Mawar membelai lembut wajah Adinata ditatapnya dalam-dalam menyalurkan seluruh isi hati lewat pandangan, wajah Mawar semakin dekat bola.mata indah Adinata sudah membuatnya jatuh hati terlalu dalam. Ia bisa merasakan deru napas Adinata yang teratur.
Matanya terpejam bibirnya mendekat.
"Sudahlah Mawar." wajah Adinata berpaling saat bibir Mawar mendekat.
Adinata melepaskan belaian tangan wanita itu di pipinya.
"Semuanya sudah berlalu lagian apa yang dikatakan Papahmu benar."
***
Setelah kejadian yang dilihat Elis langsung tepat di dekat tangga saat ingin bertemu dengan Adinata, Melihatnya bermesraan dengan seorang wanita yang tak lain sempat mengancam dirinya.
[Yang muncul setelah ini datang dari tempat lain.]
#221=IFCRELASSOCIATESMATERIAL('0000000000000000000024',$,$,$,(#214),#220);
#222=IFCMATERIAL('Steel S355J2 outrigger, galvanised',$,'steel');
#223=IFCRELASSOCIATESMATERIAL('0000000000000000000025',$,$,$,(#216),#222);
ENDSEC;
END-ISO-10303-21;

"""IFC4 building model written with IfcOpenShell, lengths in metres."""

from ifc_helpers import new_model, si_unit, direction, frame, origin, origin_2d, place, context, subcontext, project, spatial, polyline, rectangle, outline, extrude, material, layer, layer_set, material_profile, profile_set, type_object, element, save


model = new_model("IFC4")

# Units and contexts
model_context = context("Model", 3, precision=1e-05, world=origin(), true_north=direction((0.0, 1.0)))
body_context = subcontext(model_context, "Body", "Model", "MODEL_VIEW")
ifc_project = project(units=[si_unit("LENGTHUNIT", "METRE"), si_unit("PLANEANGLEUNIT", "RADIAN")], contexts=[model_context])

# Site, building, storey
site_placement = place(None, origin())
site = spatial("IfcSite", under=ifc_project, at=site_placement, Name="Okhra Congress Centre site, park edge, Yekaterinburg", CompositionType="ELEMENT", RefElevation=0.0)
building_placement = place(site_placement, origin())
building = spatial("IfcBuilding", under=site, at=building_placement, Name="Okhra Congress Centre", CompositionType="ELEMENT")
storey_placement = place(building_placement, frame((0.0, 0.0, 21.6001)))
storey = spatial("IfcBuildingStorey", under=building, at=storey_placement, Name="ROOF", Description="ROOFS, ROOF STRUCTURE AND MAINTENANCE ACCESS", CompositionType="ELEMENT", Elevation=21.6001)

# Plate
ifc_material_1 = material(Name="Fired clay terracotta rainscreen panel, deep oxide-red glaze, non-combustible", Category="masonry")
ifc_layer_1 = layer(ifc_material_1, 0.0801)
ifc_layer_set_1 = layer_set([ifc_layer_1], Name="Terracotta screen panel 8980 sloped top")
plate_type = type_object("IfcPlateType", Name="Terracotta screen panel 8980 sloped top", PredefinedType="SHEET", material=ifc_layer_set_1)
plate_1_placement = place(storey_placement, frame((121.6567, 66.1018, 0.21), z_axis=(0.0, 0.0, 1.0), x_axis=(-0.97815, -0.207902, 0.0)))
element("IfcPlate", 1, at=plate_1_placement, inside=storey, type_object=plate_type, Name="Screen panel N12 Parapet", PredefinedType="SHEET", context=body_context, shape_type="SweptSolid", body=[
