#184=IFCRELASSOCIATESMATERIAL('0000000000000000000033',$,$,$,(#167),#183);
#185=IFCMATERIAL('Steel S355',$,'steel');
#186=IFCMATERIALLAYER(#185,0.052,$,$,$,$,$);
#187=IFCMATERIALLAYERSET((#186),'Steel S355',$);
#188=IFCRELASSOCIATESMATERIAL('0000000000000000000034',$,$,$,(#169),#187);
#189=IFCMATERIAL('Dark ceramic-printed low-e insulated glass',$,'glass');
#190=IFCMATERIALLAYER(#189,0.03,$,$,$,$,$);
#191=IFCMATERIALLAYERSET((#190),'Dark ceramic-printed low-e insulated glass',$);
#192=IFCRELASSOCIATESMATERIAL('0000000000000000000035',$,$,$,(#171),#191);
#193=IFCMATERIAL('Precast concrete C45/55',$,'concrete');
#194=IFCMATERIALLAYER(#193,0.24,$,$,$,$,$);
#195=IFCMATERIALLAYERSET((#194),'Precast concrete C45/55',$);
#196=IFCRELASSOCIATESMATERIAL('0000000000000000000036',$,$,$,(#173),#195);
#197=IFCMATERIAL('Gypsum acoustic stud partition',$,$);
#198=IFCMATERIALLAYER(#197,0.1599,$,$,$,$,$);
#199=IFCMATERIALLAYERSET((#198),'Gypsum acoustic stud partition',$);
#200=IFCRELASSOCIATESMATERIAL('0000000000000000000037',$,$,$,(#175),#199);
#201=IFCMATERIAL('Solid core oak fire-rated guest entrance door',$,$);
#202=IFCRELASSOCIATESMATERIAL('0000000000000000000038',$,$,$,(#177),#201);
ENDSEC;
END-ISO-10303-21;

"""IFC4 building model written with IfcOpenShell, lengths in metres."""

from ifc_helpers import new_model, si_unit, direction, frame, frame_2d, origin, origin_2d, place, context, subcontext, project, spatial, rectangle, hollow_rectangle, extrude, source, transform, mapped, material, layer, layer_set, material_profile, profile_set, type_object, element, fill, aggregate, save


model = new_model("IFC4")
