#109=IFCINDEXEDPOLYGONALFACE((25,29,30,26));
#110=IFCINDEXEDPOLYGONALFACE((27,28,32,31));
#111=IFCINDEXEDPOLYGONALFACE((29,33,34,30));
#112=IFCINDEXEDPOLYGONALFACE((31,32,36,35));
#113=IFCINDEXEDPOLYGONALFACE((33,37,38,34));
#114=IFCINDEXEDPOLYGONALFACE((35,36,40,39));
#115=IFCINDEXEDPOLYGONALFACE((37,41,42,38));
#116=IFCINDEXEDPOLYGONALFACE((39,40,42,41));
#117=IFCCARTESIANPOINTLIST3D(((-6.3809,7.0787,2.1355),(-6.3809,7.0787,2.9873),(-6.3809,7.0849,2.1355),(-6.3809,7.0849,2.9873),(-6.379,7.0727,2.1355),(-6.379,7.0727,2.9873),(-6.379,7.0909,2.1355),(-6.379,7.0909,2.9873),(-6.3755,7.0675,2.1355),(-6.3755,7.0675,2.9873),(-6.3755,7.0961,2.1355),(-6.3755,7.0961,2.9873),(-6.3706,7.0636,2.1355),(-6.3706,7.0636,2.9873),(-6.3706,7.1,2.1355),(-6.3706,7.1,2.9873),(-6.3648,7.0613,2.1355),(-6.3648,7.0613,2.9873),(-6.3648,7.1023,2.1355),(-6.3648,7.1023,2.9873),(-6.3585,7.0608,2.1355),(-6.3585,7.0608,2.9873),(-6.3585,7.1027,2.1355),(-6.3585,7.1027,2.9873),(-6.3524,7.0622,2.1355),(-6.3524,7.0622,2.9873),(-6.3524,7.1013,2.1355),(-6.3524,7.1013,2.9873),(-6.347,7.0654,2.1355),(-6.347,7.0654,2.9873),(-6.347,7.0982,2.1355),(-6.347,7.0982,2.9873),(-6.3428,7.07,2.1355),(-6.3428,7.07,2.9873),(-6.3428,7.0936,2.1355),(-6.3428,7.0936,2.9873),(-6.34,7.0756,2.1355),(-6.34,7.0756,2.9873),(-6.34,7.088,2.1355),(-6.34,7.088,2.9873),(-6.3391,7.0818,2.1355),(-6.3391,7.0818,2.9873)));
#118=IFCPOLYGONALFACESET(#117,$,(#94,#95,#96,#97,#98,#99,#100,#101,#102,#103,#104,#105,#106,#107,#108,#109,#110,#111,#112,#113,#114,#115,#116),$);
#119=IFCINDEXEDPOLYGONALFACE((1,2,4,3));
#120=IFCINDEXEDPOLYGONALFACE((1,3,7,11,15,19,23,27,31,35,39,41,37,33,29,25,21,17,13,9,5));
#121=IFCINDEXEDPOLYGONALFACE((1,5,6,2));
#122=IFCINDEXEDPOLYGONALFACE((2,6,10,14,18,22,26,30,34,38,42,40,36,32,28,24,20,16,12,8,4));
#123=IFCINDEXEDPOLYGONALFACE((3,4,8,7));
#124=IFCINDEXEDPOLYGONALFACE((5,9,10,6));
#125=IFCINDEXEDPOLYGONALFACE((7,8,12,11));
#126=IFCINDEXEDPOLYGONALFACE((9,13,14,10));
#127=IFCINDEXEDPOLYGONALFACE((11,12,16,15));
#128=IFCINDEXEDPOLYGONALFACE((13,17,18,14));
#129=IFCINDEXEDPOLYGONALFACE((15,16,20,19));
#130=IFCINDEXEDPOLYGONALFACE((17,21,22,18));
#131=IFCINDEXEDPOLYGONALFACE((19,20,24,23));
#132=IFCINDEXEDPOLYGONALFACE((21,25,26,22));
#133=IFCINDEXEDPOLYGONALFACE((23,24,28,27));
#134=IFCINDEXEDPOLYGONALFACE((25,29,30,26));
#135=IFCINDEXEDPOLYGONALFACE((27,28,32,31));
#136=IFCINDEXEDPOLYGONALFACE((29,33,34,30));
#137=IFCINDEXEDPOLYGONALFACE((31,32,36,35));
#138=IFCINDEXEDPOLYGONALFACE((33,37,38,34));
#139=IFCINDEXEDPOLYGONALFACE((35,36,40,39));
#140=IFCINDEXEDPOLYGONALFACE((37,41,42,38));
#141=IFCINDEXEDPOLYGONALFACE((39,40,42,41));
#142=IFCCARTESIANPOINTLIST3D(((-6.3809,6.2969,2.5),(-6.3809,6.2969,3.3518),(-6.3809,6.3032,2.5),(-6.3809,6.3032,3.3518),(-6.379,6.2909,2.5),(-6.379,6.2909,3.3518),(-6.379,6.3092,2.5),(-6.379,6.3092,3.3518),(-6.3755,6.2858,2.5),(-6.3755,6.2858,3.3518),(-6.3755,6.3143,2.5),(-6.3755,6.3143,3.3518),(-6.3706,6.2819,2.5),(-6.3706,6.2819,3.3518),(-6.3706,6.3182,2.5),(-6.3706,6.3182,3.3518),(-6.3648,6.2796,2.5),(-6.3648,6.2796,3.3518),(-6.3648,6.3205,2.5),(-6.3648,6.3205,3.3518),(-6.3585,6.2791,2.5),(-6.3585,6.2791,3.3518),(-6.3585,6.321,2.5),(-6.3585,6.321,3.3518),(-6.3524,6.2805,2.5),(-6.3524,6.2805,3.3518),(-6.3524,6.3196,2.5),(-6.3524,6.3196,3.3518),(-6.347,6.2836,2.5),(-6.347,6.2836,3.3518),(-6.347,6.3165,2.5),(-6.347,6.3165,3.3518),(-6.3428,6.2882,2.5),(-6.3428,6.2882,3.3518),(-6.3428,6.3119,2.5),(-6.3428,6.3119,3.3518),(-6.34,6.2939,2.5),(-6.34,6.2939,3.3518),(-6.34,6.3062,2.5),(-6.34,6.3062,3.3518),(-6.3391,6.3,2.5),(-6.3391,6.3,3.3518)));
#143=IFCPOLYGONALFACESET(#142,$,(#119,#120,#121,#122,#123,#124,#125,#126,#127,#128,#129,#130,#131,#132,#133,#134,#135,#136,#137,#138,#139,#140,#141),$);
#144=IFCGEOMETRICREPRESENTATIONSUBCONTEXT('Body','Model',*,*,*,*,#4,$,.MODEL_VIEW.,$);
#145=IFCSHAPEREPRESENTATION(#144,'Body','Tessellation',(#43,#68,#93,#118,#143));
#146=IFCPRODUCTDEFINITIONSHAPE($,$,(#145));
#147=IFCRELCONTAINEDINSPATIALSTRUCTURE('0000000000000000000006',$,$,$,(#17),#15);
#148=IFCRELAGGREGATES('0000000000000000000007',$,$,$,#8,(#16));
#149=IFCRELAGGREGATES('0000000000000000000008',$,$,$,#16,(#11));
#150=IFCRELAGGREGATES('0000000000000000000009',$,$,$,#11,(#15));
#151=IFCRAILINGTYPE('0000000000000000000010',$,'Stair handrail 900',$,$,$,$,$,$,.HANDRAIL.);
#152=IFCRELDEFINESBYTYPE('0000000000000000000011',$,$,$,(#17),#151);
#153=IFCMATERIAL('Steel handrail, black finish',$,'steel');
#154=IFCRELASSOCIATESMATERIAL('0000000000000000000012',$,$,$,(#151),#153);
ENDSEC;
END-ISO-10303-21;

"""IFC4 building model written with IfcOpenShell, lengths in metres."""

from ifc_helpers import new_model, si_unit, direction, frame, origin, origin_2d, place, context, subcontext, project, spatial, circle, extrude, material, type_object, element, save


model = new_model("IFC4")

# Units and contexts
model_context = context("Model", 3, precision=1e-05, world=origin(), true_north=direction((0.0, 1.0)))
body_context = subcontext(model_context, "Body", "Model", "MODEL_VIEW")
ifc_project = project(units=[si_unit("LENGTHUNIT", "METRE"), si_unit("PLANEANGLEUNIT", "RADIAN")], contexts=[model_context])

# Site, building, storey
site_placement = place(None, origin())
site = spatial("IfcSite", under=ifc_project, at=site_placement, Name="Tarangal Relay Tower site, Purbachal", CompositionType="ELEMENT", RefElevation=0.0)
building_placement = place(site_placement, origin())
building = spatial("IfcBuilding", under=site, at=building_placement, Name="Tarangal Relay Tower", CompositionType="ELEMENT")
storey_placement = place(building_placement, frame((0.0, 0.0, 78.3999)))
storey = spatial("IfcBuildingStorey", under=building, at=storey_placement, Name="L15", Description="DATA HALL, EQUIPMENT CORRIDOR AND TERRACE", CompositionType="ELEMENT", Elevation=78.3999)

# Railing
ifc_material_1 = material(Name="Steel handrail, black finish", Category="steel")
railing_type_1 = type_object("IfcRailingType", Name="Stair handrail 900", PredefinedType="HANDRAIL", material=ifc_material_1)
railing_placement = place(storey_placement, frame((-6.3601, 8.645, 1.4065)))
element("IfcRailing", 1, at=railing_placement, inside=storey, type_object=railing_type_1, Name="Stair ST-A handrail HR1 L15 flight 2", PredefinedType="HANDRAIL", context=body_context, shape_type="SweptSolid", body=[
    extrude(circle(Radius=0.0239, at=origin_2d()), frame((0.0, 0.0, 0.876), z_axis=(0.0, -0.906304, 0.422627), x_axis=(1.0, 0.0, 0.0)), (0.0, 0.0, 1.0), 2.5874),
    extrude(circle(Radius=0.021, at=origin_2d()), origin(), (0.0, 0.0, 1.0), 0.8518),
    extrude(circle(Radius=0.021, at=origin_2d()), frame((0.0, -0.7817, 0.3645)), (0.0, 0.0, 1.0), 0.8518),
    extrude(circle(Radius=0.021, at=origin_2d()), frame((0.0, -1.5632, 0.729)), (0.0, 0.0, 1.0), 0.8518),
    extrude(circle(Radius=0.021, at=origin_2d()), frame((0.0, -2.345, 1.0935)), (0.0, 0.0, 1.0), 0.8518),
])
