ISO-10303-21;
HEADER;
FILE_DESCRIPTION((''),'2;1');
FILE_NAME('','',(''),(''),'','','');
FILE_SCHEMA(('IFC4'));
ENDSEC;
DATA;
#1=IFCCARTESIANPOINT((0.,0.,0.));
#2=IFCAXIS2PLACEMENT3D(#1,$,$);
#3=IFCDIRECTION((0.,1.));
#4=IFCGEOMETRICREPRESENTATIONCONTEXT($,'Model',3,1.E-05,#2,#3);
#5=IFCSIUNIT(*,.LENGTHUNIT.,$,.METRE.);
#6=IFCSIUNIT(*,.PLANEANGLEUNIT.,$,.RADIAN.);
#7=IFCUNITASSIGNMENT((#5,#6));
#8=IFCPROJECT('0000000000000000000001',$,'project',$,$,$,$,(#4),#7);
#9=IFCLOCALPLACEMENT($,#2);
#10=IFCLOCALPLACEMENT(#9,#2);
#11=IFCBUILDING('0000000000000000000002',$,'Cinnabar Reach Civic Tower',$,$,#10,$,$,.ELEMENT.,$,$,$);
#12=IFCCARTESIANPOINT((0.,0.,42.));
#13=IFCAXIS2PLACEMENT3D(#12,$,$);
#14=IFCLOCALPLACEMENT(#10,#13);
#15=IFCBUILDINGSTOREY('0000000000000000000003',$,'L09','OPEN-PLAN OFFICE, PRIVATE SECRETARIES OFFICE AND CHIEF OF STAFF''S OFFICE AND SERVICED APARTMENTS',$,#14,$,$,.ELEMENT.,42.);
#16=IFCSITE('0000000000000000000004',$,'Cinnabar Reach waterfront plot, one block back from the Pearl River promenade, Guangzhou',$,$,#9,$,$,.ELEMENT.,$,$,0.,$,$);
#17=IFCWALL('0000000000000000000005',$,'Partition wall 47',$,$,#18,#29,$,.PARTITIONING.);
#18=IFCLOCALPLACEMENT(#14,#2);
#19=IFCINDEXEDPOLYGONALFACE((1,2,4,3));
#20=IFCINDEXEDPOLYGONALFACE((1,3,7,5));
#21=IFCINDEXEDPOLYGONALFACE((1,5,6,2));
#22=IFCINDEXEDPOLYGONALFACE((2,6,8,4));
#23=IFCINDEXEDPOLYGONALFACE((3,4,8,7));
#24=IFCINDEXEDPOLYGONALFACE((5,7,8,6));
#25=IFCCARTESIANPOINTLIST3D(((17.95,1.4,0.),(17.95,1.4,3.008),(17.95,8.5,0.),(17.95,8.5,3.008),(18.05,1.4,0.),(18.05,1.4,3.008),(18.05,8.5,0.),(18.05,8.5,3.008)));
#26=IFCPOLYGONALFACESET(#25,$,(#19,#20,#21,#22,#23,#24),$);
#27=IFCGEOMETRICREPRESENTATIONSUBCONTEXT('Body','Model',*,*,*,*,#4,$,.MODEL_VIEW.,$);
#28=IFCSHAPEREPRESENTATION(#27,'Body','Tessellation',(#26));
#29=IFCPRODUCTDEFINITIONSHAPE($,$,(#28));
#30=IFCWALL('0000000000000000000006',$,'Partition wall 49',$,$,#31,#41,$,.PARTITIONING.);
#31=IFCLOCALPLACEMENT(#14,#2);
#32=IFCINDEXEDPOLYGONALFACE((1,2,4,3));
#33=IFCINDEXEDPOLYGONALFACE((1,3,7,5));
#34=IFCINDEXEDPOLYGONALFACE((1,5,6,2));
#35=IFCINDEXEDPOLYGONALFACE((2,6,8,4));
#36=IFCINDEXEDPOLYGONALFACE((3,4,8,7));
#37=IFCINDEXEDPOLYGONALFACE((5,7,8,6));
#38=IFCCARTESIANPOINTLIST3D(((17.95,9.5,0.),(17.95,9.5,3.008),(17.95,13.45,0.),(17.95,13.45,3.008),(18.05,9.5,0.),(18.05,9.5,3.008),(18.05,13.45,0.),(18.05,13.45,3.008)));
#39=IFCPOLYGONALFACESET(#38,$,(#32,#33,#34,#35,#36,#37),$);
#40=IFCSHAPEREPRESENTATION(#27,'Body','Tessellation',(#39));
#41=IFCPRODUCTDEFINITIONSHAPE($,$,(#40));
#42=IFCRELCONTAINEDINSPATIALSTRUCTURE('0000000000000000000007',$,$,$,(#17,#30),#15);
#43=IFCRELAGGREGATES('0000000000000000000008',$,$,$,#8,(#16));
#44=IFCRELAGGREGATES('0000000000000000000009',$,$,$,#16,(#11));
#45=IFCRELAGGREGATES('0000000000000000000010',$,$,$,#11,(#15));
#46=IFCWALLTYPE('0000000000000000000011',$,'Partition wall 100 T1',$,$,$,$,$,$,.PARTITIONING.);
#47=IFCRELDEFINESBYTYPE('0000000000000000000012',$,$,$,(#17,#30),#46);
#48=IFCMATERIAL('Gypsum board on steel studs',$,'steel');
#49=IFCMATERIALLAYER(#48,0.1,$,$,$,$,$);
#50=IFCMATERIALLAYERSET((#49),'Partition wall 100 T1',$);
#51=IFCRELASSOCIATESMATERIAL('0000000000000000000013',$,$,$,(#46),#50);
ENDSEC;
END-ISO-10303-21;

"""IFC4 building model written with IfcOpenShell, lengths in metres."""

from ifc_helpers import new_model, si_unit, direction, frame, frame_2d, origin, place, context, subcontext, project, spatial, rectangle, extrude, material, layer, layer_set, type_object, element, save


model = new_model("IFC4")

# Units and contexts
model_context = context("Model", 3, precision=1e-05, world=origin(), true_north=direction((0.0, 1.0)))
body_context = subcontext(model_context, "Body", "Model", "MODEL_VIEW")
ifc_project = project(units=[si_unit("LENGTHUNIT", "METRE"), si_unit("PLANEANGLEUNIT", "RADIAN")], contexts=[model_context])

# Site, building, storey
site_placement = place(None, origin())
site = spatial("IfcSite", under=ifc_project, at=site_placement, Name="Cinnabar Reach waterfront plot, one block back from the Pearl River promenade, Guangzhou", CompositionType="ELEMENT", RefElevation=0.0)
building_placement = place(site_placement, origin())
building = spatial("IfcBuilding", under=site, at=building_placement, Name="Cinnabar Reach Civic Tower", CompositionType="ELEMENT")
storey_placement = place(building_placement, frame((0.0, 0.0, 42.0)))
storey = spatial("IfcBuildingStorey", under=building, at=storey_placement, Name="L09", Description="OPEN-PLAN OFFICE, PRIVATE SECRETARIES OFFICE AND CHIEF OF STAFF'S OFFICE AND SERVICED APARTMENTS", CompositionType="ELEMENT", Elevation=42.0)

# Walls
ifc_material_1 = material(Name="Gypsum board on steel studs", Category="steel")
ifc_layer_1 = layer(ifc_material_1, 0.1)
ifc_layer_set_1 = layer_set([ifc_layer_1], Name="Partition wall 100 T1")
wall_type_1 = type_object("IfcWallType", Name="Partition wall 100 T1", PredefinedType="PARTITIONING", material=ifc_layer_set_1)
wall_1_placement = place(storey_placement, frame((18.0, 1.4, 0.0), z_axis=(0.0, 0.0, 1.0), x_axis=(0.0, 1.0, 0.0)))
element("IfcWall", 1, at=wall_1_placement, inside=storey, type_object=wall_type_1, Name="Partition wall 47", PredefinedType="PARTITIONING", context=body_context, shape_type="SweptSolid", body=[
    extrude(rectangle(XDim=7.1, YDim=0.1, at=frame_2d((3.55, 0.0))), origin(), (0.0, 0.0, 1.0), 3.008),
])
wall_2_placement = place(storey_placement, frame((18.0, 9.5, 0.0), z_axis=(0.0, 0.0, 1.0), x_axis=(0.0, 1.0, 0.0)))
element("IfcWall", 2, at=wall_2_placement, inside=storey, type_object=wall_type_1, Name="Partition wall 49", PredefinedType="PARTITIONING", context=body_context, shape_type="SweptSolid", body=[
    extrude(rectangle(XDim=3.95, YDim=0.1, at=frame_2d((1.975, 0.0))), origin(), (0.0, 0.0, 1.0), 3.008),
])

save(model, "model.ifc")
Tangannya terus memencet remot control mencari saluran Televisi yang menarik
"Apa mereka dulu memiliki hubungan dekat ya, hmm ... kalau ini sih perlu diselidiki."
Elis merebahkan tubuhnya di atas sofa lalu berbalik menjadikan tangan kanan sebagai tumpuan. Cuaca di luar agak gerimis. Elis mematikan Televisi berita tentang kematian selalu saja tersebar di mana-mana.
Tubuhnya meringkuk lalu mengambil keripik alot yang dibuat Dayana beberapa hari lalu.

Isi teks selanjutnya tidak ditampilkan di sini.